In the case of the return beam, the light is reflected at more of an angle backwards due to the forward motion of the beamsplitter mirror. In the return case the virtual mirror appears as if it is at an angle of 30 degrees to the vertical due to aberration as shown in Fig. 3.
Putting it all together, the interferometer stretched in velocity is shown below in Fig. 4:
As is shown in Fig. 4, the Lorentz contraction, denoted as 1/g, is included in the calculation both for the contraction of the length of the parallel path due to the motion, as well as the tilt of the beamsplitter due to the contraction. Both of these effects add to the aberration angle to insure that the return beams arrive at the detector perfectly parallel.
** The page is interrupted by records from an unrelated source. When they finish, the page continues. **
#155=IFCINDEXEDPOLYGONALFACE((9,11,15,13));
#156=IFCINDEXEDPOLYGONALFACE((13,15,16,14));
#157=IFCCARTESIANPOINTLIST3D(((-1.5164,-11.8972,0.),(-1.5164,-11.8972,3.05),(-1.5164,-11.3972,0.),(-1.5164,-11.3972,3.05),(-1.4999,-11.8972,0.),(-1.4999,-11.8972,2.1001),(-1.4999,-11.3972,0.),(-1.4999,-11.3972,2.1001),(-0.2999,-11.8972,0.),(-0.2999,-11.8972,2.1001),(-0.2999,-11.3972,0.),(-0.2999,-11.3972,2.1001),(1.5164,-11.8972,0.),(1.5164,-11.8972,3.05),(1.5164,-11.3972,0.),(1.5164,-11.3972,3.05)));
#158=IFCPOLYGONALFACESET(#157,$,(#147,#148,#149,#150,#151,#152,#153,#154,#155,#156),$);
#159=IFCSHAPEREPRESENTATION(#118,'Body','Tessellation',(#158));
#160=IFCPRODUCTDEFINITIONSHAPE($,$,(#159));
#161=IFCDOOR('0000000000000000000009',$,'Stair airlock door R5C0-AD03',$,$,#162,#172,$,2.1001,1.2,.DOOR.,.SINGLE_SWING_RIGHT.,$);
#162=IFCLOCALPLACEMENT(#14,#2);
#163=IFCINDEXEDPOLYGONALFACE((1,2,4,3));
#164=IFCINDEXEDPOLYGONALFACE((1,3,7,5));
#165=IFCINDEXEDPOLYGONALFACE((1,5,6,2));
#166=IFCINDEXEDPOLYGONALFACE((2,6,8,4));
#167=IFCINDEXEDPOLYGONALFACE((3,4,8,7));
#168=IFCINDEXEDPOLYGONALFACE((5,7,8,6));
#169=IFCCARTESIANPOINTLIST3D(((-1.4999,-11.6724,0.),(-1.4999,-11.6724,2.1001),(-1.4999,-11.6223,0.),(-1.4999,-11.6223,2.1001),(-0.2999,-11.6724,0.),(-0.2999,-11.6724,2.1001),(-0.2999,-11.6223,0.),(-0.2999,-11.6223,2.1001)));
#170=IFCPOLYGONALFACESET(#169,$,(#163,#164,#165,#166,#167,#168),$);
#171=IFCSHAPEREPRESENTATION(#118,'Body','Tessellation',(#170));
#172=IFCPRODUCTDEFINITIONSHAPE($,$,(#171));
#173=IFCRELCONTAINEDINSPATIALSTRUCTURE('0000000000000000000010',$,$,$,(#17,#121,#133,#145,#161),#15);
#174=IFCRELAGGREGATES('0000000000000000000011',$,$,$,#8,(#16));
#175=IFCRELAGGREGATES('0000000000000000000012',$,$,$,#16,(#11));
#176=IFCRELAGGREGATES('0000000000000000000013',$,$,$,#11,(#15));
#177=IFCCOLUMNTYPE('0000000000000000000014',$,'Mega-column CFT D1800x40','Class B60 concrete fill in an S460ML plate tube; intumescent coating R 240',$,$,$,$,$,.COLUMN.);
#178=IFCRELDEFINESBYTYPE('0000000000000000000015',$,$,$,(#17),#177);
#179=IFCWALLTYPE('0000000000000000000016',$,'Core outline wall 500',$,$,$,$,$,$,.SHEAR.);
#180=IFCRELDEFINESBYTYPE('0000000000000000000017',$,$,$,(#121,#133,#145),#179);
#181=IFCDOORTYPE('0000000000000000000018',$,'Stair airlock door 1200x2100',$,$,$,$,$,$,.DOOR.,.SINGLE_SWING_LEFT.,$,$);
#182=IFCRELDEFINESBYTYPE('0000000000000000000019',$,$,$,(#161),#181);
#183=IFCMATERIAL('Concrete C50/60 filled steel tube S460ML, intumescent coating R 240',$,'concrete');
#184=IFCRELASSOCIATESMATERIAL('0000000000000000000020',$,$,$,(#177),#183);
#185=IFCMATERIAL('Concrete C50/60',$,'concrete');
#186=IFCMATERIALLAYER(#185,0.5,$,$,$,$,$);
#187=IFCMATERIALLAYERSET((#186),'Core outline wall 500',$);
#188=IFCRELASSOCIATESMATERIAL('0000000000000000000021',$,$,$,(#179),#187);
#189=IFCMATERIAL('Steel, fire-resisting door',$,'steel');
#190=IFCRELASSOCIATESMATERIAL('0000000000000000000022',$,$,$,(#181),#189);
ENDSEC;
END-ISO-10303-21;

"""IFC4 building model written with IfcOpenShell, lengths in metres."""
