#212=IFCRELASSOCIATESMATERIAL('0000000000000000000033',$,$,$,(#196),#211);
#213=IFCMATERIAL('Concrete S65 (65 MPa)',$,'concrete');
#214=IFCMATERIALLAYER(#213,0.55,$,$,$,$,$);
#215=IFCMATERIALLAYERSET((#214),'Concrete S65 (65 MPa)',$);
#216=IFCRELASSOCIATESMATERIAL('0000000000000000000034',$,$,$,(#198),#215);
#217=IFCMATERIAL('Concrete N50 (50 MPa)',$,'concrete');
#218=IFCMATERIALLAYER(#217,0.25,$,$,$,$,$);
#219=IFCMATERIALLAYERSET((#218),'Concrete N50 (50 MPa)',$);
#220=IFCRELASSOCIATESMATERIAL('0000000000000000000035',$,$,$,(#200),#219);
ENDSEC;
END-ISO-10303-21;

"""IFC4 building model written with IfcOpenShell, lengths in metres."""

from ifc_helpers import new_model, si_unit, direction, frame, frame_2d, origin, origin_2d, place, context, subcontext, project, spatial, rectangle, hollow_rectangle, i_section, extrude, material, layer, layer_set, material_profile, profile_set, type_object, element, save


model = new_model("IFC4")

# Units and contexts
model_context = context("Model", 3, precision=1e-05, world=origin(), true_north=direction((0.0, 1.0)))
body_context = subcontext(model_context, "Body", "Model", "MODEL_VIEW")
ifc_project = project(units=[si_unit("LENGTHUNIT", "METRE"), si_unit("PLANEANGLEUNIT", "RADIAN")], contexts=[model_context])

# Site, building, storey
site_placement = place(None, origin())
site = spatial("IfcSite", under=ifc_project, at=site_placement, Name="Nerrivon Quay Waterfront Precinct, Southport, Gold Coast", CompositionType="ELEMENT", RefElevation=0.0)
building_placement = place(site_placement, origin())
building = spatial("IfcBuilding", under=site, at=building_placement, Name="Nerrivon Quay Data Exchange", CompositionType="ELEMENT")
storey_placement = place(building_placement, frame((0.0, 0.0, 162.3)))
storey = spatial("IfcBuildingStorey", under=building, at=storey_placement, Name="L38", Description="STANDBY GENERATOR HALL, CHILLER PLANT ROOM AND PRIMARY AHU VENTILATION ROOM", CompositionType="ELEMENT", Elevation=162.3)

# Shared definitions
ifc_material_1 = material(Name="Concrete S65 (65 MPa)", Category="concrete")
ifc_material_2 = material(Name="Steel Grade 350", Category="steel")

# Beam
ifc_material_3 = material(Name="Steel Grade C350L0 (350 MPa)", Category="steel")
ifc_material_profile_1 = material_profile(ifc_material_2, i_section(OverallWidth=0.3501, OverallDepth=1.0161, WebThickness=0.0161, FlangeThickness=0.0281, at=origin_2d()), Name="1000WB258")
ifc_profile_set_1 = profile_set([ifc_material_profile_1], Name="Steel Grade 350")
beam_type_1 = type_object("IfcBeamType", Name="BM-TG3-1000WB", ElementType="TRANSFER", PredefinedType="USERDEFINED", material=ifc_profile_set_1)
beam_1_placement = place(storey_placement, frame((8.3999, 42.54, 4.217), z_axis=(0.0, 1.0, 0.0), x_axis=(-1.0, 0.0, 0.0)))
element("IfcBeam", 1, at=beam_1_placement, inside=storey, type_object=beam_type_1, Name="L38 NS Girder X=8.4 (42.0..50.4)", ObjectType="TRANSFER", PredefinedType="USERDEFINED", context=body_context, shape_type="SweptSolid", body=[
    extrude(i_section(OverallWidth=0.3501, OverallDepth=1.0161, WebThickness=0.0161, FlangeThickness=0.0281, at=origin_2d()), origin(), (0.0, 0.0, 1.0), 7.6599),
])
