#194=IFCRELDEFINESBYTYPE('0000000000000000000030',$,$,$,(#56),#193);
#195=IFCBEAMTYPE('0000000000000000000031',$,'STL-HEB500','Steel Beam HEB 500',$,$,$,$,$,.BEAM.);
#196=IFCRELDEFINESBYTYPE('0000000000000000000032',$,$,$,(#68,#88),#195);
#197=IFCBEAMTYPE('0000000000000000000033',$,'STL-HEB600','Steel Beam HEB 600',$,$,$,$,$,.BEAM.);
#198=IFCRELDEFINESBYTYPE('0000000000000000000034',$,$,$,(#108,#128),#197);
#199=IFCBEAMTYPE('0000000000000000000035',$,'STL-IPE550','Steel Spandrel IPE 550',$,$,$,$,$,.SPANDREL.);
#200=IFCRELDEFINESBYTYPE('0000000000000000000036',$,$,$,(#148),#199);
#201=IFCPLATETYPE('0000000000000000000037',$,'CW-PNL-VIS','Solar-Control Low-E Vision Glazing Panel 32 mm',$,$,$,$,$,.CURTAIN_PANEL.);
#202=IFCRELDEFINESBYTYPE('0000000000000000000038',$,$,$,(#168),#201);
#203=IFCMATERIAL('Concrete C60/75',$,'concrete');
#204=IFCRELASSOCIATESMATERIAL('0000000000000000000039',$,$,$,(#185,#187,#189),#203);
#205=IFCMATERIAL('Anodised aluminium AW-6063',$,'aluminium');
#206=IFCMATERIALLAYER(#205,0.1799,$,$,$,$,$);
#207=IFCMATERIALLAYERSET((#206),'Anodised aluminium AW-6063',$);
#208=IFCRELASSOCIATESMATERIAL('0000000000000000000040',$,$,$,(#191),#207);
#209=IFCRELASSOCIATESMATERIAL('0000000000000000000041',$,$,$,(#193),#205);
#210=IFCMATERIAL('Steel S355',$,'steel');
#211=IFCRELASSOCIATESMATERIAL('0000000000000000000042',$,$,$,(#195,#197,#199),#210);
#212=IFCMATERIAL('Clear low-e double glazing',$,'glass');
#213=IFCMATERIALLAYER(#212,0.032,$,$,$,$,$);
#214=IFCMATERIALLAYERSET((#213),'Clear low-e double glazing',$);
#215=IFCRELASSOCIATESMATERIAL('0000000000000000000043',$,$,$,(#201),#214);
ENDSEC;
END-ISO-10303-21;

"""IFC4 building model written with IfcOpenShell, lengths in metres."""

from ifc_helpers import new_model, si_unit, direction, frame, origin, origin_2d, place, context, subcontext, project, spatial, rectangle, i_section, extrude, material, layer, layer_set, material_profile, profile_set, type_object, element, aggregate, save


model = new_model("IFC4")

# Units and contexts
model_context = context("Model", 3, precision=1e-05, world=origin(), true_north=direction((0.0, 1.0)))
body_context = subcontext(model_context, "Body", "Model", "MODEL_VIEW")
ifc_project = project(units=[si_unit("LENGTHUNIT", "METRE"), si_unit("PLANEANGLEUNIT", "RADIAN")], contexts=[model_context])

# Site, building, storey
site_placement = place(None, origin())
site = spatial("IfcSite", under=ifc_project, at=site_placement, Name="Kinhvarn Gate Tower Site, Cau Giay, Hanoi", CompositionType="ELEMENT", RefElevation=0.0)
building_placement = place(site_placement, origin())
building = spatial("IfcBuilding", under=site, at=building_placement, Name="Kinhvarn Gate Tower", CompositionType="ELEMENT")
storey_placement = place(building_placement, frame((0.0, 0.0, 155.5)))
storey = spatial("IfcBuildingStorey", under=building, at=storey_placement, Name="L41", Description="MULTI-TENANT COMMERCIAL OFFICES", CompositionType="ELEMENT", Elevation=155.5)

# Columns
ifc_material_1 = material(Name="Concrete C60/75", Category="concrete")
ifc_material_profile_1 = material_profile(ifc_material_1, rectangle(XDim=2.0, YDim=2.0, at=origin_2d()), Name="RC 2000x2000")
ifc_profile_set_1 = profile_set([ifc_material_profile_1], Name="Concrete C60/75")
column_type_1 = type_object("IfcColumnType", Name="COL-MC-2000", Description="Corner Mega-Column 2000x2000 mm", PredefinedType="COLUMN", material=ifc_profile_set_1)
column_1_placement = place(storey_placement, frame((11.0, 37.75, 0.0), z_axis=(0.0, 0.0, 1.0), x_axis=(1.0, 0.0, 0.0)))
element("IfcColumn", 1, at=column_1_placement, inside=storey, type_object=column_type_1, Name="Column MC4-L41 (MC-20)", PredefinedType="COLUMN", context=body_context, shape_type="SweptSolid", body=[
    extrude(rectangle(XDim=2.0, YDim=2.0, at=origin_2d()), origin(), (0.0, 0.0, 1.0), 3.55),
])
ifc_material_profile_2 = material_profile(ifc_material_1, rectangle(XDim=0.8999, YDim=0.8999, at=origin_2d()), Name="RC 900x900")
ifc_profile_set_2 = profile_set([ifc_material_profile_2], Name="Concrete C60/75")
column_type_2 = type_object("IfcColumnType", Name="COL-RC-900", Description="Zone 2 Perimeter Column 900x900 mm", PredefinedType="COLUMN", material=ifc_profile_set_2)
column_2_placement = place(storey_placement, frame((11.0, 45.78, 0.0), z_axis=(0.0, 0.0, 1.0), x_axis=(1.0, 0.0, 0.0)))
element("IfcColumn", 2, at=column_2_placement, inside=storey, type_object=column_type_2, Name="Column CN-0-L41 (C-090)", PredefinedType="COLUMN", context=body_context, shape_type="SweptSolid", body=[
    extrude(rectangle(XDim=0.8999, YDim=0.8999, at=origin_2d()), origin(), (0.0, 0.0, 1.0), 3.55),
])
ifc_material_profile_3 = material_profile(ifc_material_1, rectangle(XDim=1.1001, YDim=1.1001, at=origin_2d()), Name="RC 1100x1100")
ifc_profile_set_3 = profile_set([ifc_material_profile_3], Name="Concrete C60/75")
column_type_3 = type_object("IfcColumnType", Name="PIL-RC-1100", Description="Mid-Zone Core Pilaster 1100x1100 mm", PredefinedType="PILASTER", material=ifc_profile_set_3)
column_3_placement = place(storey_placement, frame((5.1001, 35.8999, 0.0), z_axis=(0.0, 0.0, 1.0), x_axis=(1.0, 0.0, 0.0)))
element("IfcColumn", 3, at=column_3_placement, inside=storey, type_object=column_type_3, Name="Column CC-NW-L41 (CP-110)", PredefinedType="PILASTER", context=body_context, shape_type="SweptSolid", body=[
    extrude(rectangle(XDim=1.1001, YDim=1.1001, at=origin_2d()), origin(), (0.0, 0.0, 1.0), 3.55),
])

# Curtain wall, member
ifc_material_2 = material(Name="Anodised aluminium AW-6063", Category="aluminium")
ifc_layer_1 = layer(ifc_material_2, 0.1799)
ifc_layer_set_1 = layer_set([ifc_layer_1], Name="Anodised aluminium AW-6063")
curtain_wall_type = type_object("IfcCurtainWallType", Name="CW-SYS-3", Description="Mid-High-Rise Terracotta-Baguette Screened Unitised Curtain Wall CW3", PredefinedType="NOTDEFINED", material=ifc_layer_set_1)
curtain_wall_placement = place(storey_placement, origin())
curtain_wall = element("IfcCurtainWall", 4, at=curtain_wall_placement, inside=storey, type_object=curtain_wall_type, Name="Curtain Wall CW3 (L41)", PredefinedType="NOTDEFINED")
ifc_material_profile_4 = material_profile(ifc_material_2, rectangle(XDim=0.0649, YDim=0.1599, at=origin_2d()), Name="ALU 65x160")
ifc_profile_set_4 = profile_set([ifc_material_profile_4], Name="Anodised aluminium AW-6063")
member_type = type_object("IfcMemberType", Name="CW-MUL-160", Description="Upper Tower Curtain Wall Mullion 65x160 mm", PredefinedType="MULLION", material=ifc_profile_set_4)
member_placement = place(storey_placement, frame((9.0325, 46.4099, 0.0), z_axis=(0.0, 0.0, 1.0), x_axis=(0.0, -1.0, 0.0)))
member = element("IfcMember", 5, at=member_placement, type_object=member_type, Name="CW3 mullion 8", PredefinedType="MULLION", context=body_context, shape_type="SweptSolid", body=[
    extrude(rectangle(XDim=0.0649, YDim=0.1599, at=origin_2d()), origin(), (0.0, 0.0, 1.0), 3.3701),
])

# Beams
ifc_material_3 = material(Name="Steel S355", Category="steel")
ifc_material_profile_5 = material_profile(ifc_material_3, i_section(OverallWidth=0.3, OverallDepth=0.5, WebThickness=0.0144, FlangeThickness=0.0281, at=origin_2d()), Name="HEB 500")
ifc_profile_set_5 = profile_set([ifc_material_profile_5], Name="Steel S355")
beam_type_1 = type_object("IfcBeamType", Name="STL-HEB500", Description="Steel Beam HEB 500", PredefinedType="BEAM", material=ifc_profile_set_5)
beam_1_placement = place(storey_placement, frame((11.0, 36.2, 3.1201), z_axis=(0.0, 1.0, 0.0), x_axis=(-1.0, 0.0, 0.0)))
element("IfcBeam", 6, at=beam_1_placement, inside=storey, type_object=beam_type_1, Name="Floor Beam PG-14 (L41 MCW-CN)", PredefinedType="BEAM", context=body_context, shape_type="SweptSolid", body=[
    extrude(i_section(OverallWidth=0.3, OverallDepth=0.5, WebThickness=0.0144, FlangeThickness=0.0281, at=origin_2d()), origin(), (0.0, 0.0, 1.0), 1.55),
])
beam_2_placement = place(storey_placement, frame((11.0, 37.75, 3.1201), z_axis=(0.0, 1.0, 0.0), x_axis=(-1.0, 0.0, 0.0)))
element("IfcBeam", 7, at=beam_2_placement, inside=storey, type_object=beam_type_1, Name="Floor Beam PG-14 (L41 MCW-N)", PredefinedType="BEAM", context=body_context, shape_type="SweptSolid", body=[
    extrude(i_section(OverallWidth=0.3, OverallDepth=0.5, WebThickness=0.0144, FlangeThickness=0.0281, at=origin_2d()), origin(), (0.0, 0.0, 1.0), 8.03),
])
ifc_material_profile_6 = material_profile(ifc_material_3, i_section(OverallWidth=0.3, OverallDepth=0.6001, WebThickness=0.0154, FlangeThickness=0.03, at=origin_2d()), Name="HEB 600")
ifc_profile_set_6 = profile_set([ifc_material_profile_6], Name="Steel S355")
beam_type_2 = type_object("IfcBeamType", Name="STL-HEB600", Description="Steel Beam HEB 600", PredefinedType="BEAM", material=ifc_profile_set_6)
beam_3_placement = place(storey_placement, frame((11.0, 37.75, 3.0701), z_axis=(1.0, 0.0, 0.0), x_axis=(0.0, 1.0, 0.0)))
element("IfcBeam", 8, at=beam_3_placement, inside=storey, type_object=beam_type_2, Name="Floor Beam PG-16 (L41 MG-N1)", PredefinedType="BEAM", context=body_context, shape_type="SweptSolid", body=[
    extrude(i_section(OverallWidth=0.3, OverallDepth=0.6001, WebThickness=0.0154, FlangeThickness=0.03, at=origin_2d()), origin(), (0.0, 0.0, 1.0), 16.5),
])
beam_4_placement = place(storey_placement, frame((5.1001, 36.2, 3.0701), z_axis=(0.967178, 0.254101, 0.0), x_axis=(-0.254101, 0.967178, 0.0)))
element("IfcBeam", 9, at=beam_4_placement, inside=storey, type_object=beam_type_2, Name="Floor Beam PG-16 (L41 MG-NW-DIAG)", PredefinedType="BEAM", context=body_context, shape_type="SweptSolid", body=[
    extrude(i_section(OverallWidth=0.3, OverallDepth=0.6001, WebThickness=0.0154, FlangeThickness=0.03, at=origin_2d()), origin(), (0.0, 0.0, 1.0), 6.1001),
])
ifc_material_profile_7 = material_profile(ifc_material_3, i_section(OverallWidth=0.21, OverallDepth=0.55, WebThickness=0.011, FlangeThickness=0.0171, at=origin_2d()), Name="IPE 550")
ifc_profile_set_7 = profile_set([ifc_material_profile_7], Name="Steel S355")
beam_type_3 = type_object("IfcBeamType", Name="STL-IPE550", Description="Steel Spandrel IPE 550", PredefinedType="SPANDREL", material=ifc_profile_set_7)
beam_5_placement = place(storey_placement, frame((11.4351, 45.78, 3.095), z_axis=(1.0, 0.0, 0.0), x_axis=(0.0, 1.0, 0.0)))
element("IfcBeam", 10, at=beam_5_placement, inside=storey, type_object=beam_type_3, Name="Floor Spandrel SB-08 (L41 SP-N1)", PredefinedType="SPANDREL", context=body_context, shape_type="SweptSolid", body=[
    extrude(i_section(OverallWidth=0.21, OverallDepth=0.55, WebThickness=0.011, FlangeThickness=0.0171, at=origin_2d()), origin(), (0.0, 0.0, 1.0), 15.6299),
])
If the Lorentz contraction is neglected, then a significant angle error will appear that is obvious at high velocities. The necessity of requiring a physical Lorentz contraction to make the beams arrive at the detector straight (as occurs in reality) suggests that the original idea of Fitzgerald, Lorentz and Larmor about the contraction of moving matter is valid and not just an ad hoc hypothesis. This idea was verified by Herbert Ives in his paper “A graphical Exposition of the Michelson Morley Experiment.” (1937).
Using Ives calculation method:
I have created a simulator to demonstrate this effect, click here to open the simulator. This uses a modification of Herbert Ives method to calculate the virtual angle of the moving beam splitter mirror to the vertical, and thereby the angles at which the beams arrive at the detector. The expected angle f for the beamsplitter mirror seen by either the forward or return beam is worked out by using the Law of Sines, knowing the virtual lengths of the stretch or contracted beamsplitter cube based on the values L and ctf or ctr as shown in fig. 4.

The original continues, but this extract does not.